To accomplish the goal, the county has a roughly outlined $50 million plan. It involves constructing 10 or 11 large water-retention ponds throughout the Eleven Mile Creek water basin and widening the creek near the subdivision so it can handle a larger volume of water when necessary. The county would need to acquire the 10- to 20-acre pond sites, and all the homeowners along the creek would need to agree to sell their homes to the county.
The county doesn’t have $50 million lying around to fix the problem of this cluster of subdivisions, around 200 homes. It has similar flooding problems throughout the county.

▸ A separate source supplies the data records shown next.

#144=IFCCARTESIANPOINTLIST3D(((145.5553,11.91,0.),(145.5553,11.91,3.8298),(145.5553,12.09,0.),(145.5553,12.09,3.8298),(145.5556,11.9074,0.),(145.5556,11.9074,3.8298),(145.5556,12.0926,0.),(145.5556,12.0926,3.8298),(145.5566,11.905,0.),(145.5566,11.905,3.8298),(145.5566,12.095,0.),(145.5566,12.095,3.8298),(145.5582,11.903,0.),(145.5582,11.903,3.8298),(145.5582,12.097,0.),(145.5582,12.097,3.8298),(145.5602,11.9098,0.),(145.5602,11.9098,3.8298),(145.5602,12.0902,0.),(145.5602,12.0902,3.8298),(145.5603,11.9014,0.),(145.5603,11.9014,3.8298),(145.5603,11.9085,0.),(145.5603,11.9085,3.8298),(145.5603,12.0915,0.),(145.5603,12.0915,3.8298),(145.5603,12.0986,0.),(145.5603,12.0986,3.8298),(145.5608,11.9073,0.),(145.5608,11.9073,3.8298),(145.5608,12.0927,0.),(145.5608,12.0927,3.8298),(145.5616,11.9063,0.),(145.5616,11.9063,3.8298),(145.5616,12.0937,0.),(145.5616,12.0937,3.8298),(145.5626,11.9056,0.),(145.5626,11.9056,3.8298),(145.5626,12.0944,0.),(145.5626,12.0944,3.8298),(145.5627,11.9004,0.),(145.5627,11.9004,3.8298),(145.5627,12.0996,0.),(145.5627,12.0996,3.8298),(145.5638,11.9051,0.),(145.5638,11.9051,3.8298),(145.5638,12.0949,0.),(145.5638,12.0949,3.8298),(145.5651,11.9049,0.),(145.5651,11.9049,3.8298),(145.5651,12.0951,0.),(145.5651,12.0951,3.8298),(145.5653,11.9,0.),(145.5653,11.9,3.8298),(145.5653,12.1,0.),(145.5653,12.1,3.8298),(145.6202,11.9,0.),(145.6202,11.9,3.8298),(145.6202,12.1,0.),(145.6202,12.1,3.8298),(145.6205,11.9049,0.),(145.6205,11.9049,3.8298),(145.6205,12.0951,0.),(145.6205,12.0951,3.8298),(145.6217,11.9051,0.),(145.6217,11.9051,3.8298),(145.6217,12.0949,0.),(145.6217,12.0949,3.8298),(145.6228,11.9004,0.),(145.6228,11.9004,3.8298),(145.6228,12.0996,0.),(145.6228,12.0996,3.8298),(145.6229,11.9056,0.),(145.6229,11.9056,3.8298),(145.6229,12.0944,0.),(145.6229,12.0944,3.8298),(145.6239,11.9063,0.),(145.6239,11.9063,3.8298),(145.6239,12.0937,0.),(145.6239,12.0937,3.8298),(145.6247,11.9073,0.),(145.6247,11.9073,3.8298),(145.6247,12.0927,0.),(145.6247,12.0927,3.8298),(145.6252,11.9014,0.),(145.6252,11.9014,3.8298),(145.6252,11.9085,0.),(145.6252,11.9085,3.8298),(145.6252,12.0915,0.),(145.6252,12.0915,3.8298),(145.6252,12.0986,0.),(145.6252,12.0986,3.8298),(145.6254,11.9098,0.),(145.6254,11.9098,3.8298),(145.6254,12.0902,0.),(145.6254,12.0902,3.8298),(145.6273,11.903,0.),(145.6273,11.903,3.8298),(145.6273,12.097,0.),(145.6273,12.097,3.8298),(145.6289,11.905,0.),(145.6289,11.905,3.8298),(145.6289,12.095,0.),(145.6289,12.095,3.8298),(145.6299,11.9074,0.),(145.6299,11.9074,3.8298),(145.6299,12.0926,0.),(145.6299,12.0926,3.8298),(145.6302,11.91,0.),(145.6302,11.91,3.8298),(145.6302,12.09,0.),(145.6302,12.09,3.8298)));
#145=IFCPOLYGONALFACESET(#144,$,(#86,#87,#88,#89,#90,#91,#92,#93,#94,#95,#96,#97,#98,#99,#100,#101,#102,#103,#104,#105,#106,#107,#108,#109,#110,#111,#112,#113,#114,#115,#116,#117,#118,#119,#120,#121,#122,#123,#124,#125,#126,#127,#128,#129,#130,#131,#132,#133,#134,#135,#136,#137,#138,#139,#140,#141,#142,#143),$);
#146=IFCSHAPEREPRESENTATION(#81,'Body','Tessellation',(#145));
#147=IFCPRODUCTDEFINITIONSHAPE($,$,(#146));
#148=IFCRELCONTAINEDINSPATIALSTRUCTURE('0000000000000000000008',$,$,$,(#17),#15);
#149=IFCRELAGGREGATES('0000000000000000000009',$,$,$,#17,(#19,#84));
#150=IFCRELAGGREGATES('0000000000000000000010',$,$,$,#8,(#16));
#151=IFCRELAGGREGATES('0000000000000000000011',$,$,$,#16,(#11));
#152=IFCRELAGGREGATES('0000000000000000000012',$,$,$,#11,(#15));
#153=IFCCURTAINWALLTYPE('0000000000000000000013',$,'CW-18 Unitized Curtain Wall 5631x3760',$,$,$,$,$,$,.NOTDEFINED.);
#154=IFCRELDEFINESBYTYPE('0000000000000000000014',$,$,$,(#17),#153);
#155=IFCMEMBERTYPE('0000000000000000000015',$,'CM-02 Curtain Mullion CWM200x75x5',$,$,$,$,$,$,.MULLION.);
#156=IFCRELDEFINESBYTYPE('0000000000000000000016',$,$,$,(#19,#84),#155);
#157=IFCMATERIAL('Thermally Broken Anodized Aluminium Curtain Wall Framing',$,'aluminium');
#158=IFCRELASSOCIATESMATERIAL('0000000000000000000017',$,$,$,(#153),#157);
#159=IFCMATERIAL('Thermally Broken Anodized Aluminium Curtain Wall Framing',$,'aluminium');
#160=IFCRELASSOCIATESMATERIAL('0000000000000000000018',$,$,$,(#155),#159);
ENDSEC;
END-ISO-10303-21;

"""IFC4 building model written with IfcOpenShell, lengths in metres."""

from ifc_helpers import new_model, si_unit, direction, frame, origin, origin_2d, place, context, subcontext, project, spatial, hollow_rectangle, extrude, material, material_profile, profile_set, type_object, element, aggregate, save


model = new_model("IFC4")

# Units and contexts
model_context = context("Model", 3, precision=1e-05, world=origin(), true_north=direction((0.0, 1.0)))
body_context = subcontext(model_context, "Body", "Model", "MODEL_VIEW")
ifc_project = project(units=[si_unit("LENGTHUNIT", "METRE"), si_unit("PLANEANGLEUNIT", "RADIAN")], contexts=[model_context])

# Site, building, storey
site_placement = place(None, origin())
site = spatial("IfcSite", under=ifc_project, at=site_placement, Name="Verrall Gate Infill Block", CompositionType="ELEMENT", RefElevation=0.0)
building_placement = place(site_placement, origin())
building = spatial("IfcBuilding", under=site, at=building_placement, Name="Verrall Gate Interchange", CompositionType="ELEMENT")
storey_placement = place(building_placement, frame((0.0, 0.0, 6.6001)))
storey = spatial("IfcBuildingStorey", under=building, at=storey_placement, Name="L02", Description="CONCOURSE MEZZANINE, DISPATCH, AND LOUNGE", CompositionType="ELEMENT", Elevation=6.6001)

Homeowners hoping to sell their flood-prone homes to the county under the FEMA program face hurdles. The program isn’t designed to bail out homeowners. Its grants are intended to make communities more resilient against future flooding. The purchase of homes is needed to widen the creek bed. For that reason, FEMA is unlikely to buy houses that aren’t directly along the creek, which is most of them.
So, the Eleven Mile Creek plan is shrouded in uncertainty, not just because the funding seems likely to dribble in over decades, at best. But because it’s unclear that it will solve the problem once completed. Continuing development throughout the basin and more frequent intense-rain events are just two of the variables.
READ MORE: Bristol Creek Homeowner Asks Why Subdivisions Were Built on Flood-Prone Land
This dilemma has divided the homeowners into two camps: those who cling to hope their homes can be saved and those who think the neighborhood needs to be condemned – an option likely to be costlier than the fix.
Facing these two highly problematic options, the most likely next step for these homeowners is another flood.
Commissioner Barry didn’t reply to an email and voice message from Flood Trends seeking comment after the meeting.